Two hours later Poole stood at the edge of the lake, watching the divers as Granger and Sheriff Banister (who was very much the firecracker) barked orders at their teams.
A generator hummed in the distance, with snakes of cords running off in various directions. Large floodlights had been erected at the water’s edge, the bright beams illuminating the black pool.
One of the divers broke the surface and raised her hand. “I’ve got another one! Twenty feet down, directly below me. I’ve got a cord on it, affixing a balloon now.” She pulled a small canister from her belt and flicked a switch. The canister popped and released a self-inflating bright orange balloon. She attached the cord she held in her other hand to the base and set it bobbing in the water.

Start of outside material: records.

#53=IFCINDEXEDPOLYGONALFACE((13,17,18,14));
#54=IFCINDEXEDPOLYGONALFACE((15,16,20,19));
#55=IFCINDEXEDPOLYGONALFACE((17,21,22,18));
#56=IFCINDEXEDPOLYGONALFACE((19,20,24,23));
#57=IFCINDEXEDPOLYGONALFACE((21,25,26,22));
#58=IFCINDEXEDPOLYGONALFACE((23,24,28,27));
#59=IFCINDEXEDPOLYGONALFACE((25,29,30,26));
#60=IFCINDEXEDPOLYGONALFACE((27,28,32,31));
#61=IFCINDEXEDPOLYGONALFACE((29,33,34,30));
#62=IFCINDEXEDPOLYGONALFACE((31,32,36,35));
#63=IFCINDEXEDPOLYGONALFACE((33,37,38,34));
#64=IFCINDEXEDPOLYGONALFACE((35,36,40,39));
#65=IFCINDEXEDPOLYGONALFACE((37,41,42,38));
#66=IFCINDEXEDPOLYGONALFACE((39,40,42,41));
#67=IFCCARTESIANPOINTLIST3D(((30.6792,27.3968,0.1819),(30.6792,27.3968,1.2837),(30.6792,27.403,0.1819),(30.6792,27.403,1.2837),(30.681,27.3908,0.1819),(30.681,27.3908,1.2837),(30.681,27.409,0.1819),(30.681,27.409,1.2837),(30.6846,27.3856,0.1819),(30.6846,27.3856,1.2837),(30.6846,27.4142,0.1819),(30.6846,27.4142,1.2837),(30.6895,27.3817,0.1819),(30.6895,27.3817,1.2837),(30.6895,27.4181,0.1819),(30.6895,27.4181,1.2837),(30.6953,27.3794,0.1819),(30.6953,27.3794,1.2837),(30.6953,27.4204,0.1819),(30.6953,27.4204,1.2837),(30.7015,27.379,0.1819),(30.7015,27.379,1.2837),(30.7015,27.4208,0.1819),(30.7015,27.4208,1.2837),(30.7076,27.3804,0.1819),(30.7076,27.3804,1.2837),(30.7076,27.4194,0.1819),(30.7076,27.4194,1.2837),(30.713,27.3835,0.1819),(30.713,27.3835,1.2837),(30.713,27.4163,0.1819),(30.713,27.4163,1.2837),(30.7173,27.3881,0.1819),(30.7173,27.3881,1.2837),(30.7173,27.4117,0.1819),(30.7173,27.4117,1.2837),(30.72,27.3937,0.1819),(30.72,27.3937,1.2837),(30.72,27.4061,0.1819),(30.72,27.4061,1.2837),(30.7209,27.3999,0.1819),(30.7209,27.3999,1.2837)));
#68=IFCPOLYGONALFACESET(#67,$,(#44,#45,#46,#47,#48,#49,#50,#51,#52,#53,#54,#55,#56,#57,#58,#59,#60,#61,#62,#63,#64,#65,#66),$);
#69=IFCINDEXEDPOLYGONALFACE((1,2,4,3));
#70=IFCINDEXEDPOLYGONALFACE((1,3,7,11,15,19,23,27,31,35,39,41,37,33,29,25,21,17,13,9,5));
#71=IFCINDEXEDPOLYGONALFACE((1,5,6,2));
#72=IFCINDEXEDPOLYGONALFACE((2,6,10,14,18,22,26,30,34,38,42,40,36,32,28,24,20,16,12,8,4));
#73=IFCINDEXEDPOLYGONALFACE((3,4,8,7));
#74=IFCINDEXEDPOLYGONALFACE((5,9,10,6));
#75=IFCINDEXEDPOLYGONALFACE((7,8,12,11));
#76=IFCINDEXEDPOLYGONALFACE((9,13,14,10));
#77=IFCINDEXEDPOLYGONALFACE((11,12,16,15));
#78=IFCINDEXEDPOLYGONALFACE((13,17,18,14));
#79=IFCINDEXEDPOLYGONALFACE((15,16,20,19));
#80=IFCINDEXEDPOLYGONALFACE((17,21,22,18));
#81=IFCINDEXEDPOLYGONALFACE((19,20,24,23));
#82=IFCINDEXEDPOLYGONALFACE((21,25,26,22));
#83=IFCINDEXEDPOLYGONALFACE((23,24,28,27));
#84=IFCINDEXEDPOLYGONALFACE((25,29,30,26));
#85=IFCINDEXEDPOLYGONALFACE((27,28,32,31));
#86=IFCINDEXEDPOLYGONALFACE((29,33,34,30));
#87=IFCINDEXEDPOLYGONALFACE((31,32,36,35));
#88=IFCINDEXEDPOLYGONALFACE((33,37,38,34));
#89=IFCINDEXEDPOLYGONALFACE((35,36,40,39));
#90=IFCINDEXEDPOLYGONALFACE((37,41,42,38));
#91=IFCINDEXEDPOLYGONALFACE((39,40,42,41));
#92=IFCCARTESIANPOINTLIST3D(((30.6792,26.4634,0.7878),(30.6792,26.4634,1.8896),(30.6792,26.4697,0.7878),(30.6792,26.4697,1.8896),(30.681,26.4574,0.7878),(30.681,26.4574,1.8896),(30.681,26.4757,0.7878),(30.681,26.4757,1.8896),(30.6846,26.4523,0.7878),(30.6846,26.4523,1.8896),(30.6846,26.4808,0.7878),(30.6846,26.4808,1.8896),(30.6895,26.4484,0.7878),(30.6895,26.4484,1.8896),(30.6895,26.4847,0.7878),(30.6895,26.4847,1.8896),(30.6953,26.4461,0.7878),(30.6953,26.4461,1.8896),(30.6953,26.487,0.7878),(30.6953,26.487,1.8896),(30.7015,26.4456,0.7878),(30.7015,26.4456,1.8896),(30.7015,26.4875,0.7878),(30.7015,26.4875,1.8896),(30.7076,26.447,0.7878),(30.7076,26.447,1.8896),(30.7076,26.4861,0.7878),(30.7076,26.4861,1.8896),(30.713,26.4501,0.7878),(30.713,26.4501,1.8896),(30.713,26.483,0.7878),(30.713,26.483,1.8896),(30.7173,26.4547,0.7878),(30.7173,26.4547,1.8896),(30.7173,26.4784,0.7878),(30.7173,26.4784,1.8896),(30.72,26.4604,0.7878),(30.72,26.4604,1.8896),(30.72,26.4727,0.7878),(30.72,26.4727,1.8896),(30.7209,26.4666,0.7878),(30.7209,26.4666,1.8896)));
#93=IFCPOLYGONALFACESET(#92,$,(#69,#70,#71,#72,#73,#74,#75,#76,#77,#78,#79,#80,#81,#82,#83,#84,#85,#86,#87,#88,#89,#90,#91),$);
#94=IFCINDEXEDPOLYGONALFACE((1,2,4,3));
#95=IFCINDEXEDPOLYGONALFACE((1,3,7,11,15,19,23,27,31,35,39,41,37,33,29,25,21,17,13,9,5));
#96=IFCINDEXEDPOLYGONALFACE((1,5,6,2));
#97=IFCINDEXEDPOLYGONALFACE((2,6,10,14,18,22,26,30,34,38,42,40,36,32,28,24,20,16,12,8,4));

“Holy Christ, how many is that now?” Banister said from somewhere behind Poole.
Poole glanced to his right, at the black body bags lining the shore. “Four. That makes four.”
“Complete body or partial?” Granger shouted out to the diver.
“Complete.” The diver replaced her regulator and disappeared back below the surface, the beam of her high-powered flashlight quickly fading away.
They found small garbage bags containing remains as well, six of those so far. Only one had been opened, containing a human leg bone. Each of the others was carefully placed inside clear plastic bags while still below the surface, then brought up and stored in plastic bins in an effort to not contaminate the contents and preserve the findings. They would be opened at the medical examiner’s office at the federal building back in Charlotte. Sheriff Banister made no squabble about relinquishing jurisdiction to Poole and Granger. This was clearly beyond her department’s available resources.
Poole pressed his hands together. This wasn’t Chicago cold by any means, but the air off the lake had a bite to it. Sheriff Banister stood behind him, the beam of her flashlight pointing down toward the base of one of the large trees. “Agent Poole? I think I’ve got your cat.”
When you get to the lake, look for the cat.
He walked over to her and followed the beam of her flashlight.
A rusted metal lunchbox was buried at the base of a laurel tree. He’d walked the entire perimeter of the lake when he first got here, studying the ground for any sign of a cat. He expected to find whatever Porter was talking about near the shore, then the first body was found and he forgot all about the cat. This was about ten feet back, hidden in the trees.
Poole bent down and brushed the dirt from the surface.
Hello Kitty.
“Cute.” He looked up at the sheriff. “Do you have any gloves?”
“Yeah, here.” She pulled a pair of latex gloves from her jacket pocket and handed them down. Some of her graying blond hair fell loose from her ponytail. She pulled out the rubber band holding it all in place, twisted the hair together into one tight lock, then replaced the band. She did all this with one hand—the other, still holding the flashlight on the lunchbox, didn’t falter.
Poole couldn’t help but wonder if she handled a gun with the same dexterity, if she ever had cause to use her weapon out here.
“I’ve got one!” came another shout from the lake.
Five now.
Granger came over, the beam of his flashlight joining Banister’s. “That it? What you were trying to find?”
Poole released the rusted metal latch on the front of the lunchbox and opened the lid. The diary stared back at him from inside. “I’ll need to see the property records, plat records, whatever you have for this place, the houses we passed on the way in too.”
Banister leaned down, her breath white in the chilled air. “They’re stored down at town hall. I’ll make a call, wake some folks up.”